I was ten years old before I saw a dead body. The summer after mom's crack-up when Aunt MK came and took care of us, NC and I went back to the Blue Ridge Mountains for the summer. MK lived in a coal mining town and it was surrounded by hollars where moonshiners reigned freely. Chickens wandered in and out of the shanty houses, and pigs lived beneath. When we drove back into a hollar to collect kids for Sunday night services at the little Bible church, the roads were so narrow that we would extend our arms and collect leaves and flowers.
Somebody died. A newborn baby. I don't remember whether girl or boy, but the mommy was very, very young and overwhelmed with grief. I had never been taken to a funeral, but MK and MD didn't think twice. The wake was in the grandmother's home and HORROR of HORRORS the infant baby was laid out on a buffet in the dining room--unembalmed! I had nightmares for weeks. I quickly exited and found much to do on the porch and in the yard.

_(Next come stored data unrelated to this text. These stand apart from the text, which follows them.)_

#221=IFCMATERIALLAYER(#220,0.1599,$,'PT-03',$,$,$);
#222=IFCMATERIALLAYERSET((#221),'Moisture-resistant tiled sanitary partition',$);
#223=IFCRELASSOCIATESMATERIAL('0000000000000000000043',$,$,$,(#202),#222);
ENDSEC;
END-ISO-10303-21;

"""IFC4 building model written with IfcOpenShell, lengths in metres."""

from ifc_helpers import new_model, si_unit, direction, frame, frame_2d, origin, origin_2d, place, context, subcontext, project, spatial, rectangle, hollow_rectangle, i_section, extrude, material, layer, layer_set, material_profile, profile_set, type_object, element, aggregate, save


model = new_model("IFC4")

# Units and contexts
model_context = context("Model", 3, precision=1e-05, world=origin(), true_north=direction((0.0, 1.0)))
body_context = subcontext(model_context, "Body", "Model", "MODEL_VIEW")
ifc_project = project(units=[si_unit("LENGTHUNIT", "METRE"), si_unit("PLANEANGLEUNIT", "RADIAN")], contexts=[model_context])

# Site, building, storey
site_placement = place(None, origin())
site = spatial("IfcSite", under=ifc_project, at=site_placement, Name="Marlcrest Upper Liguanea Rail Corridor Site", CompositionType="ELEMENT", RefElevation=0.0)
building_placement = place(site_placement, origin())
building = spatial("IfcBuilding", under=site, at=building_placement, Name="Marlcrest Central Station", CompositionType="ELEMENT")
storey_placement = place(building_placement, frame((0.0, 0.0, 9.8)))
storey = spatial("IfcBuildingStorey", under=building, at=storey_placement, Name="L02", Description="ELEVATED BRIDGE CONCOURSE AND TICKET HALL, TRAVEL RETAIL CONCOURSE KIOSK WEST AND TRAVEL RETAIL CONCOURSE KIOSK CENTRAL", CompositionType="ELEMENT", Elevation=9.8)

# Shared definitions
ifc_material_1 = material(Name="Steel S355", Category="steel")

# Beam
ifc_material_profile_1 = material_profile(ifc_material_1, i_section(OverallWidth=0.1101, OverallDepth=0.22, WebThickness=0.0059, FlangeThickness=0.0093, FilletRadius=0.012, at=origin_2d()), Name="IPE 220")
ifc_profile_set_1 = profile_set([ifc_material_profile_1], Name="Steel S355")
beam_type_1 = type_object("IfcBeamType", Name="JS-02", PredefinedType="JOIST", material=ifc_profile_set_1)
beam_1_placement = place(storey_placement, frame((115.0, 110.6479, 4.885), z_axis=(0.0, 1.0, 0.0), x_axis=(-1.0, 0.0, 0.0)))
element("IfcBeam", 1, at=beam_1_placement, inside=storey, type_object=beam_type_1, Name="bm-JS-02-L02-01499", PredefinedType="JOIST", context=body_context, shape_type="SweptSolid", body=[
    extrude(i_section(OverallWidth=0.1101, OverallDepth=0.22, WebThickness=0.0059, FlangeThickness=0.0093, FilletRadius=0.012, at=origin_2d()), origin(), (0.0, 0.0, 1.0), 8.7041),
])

A few days later an older man or woman died. I never left the car. It was years before I could or needed to go to a funeral or wake or visitation and I went with great trepidation. My friend's brother was killed in a bar fight and neither the body nor the family was on display. They were sequestered away while the guests listened to a minister [my mom's crush from years before] give a tribute to a young man he didn't know and an exotration to the living toward a clean and godly life.
Then a good friend's mother died and I had to go again. A sad story and a timely end. Death was easier this time. This funeral became a long running family story. Not to dishonor her life, but for some reason when my sisters and I would see each other after a time away, one or the other of us would ask, "Did you hear that Ruth Smith died?"